BLAST is the standard tool that molecular biologists use to search for sequence similarity in genomic (and protein) databases. It employs a brute force approach of comparing a query sequence against every database sequence - for each pair of the sequences to be matched, BLAST searches for short fixed-length word pairs (seeds) in the sequences and then extends them to higher-scoring regions. To search multiple queries, the basic approach is to run BLAST on each of the queries one at a time.
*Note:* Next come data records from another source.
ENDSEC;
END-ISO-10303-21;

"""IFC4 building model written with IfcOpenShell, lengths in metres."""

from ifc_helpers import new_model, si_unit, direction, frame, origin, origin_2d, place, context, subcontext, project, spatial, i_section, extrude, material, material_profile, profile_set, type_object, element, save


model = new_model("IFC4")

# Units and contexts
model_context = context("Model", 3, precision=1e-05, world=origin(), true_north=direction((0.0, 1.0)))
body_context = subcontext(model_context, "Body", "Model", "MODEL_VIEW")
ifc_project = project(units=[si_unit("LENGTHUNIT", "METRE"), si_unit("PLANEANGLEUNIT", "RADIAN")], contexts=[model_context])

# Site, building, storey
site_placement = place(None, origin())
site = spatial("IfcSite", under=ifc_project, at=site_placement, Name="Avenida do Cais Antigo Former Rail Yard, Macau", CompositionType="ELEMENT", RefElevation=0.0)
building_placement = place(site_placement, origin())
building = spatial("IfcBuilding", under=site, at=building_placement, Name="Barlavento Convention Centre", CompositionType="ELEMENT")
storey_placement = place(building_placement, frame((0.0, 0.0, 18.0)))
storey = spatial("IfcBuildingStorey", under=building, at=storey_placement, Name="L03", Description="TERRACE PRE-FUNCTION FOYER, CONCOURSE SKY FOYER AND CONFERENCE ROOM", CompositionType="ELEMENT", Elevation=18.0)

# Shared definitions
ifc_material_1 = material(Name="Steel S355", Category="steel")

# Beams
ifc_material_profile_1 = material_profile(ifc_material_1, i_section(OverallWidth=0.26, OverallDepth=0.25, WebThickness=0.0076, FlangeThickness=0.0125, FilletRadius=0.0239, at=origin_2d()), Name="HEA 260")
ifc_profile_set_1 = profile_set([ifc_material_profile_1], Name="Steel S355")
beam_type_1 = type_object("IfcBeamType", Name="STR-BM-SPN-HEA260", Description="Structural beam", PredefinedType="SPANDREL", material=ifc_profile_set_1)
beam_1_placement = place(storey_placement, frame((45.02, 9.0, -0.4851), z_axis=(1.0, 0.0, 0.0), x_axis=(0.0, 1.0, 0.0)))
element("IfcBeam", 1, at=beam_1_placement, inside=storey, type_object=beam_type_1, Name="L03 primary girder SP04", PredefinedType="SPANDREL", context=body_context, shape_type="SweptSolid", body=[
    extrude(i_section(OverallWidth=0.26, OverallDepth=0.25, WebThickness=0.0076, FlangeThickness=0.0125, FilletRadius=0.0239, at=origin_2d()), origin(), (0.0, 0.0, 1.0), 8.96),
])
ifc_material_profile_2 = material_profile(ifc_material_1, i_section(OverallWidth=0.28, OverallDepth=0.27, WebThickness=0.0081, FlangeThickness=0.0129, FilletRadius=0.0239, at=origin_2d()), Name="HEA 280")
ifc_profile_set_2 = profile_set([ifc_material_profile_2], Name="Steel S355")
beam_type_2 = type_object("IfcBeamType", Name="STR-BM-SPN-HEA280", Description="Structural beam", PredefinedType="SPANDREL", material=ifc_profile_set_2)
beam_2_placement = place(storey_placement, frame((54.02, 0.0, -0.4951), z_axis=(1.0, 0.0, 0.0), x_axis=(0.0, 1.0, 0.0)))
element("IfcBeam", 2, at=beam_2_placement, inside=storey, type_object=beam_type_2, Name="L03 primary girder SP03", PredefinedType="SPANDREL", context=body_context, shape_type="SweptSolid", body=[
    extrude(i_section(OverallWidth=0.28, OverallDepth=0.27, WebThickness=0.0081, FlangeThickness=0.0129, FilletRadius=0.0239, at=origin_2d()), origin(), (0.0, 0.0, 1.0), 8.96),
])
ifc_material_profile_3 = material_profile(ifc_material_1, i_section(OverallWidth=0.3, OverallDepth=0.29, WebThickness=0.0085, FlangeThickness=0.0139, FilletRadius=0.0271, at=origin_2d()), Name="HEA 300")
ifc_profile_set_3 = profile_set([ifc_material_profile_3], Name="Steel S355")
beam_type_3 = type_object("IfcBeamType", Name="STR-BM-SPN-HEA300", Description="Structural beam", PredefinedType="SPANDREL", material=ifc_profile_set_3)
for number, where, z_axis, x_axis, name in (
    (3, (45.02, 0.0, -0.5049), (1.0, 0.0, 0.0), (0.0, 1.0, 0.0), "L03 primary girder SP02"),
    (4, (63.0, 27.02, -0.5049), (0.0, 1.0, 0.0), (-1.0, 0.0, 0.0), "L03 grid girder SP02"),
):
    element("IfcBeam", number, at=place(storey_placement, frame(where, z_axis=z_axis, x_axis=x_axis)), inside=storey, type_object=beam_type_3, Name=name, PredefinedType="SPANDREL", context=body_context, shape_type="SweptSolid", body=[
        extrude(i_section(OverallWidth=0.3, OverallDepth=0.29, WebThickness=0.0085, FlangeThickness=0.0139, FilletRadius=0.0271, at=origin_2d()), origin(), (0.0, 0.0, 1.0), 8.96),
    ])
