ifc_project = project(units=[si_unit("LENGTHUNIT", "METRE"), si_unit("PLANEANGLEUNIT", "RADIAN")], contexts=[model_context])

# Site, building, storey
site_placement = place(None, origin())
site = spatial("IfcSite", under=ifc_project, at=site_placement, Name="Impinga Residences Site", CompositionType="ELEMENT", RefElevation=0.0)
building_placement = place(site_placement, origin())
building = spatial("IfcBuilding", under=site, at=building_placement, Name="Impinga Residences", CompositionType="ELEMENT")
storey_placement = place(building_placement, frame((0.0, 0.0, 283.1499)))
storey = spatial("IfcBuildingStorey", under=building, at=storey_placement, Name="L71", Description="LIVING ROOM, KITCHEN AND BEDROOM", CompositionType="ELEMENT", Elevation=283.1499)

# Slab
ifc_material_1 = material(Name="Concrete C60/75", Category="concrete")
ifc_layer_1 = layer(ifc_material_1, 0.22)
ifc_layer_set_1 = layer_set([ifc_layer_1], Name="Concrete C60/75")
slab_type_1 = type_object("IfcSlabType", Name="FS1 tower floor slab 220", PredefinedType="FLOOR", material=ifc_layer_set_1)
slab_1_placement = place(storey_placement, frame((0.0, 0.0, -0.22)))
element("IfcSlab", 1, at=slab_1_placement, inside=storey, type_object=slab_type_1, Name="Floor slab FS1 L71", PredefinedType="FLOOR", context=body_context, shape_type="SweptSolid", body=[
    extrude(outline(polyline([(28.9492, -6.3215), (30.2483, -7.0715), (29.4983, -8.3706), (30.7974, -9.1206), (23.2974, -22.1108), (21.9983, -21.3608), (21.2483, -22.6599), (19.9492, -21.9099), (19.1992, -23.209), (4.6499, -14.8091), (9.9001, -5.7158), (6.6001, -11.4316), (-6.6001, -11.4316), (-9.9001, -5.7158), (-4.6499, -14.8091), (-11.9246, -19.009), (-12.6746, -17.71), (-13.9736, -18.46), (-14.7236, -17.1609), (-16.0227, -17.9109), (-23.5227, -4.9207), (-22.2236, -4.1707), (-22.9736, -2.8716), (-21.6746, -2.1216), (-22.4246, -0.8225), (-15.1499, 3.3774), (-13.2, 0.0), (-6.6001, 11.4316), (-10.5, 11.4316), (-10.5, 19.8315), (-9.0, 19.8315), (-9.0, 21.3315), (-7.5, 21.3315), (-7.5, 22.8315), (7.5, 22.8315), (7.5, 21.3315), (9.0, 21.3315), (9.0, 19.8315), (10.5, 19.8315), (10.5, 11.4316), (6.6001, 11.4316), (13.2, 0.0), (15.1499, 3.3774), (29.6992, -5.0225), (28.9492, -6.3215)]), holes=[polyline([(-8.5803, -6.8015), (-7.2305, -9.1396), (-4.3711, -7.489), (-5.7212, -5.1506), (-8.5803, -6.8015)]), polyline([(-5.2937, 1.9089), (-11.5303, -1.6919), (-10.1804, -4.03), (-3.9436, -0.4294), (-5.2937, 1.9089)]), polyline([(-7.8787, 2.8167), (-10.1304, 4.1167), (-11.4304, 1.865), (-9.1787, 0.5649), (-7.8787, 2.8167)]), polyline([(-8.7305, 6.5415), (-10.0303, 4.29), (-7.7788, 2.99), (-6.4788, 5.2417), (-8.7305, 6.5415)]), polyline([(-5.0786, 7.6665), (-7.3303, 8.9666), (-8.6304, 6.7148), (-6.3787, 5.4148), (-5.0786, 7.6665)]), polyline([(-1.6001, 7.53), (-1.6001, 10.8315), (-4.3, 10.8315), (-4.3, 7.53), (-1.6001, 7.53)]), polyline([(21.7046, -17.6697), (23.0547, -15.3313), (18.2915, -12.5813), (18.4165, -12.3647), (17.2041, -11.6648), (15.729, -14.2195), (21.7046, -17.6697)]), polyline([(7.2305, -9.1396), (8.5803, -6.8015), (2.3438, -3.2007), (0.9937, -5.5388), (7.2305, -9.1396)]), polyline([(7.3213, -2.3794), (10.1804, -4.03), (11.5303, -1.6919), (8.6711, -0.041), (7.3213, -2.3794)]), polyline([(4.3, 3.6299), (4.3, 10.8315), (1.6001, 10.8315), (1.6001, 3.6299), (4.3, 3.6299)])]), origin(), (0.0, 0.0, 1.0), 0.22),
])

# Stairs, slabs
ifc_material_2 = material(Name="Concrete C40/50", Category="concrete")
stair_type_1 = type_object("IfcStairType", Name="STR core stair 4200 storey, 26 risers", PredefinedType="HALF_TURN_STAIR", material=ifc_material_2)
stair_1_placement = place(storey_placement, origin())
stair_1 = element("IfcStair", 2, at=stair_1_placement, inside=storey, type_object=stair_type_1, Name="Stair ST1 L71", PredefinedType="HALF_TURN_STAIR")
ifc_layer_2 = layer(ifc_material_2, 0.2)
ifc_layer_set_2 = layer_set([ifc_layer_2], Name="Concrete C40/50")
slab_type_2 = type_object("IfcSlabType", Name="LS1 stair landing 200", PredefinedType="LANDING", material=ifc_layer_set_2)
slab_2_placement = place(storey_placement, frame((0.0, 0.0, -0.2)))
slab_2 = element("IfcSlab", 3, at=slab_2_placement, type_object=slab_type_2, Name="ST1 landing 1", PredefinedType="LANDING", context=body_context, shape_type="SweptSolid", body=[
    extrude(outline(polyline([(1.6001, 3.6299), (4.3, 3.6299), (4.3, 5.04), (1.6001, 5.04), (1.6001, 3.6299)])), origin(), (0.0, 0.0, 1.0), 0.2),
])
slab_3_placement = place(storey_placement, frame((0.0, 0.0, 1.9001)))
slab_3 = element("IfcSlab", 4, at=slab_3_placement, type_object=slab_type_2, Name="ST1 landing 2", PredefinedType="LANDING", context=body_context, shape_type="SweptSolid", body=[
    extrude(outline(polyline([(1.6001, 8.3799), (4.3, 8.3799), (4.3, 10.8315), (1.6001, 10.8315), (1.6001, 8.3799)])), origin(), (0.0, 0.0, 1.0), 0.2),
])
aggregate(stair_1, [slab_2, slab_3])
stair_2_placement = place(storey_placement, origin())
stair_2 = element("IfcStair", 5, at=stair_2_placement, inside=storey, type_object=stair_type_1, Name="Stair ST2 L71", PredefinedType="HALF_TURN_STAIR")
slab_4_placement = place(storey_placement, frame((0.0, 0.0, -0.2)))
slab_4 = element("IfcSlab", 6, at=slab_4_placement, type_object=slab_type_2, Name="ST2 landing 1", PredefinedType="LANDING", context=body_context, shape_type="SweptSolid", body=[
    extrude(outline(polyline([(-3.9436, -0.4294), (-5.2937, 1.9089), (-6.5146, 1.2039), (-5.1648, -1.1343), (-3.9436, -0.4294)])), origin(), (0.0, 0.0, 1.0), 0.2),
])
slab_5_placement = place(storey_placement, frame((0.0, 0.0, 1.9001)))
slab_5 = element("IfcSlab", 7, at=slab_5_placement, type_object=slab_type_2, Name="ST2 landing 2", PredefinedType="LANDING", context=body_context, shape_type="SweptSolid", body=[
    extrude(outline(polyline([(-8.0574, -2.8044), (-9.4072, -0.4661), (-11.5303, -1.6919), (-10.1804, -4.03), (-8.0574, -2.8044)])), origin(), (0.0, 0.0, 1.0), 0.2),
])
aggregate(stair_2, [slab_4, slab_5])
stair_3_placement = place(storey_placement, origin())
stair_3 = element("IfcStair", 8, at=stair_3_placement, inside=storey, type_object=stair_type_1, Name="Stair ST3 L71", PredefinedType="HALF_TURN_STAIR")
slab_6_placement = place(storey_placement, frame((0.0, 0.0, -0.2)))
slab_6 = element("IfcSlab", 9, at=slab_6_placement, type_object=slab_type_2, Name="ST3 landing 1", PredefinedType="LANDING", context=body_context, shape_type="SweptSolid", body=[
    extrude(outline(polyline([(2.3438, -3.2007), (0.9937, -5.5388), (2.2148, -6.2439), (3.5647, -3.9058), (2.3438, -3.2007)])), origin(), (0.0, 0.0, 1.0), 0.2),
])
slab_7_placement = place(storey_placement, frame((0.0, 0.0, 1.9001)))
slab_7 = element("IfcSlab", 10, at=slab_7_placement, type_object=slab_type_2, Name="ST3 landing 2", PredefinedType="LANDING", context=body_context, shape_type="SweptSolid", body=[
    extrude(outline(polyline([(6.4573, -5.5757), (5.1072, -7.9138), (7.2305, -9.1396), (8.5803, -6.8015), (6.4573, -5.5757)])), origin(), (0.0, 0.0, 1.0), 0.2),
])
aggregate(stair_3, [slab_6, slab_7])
This is clearly inefficient and fails to exploit common subsequences that the collection of queries may share. In this paper, we propose a new genome search tool, BLAST++, that allows multiple, say K, queries to be searched against a database concurrently. The design of BLAST++ is based on our observation that the seed searching step of BLAST is a bottleneck that consumes more than 80% of the total response time! BLAST++ essentially treats a collection of queries as a single virtual query so that the seed searching step needs to be performed only once for common subsequences. We implemented BLAST++ as an extension of the NCBI BLAST, and evaluated its performance. Our study shows that the results obtained by BLAST++ are identical to that obtained by executing BLAST on each of the K queries, but the single-process version of BLAST++ completes the processing in a much shorter time, about only 25% of the original single-process version of NCBI BLAST.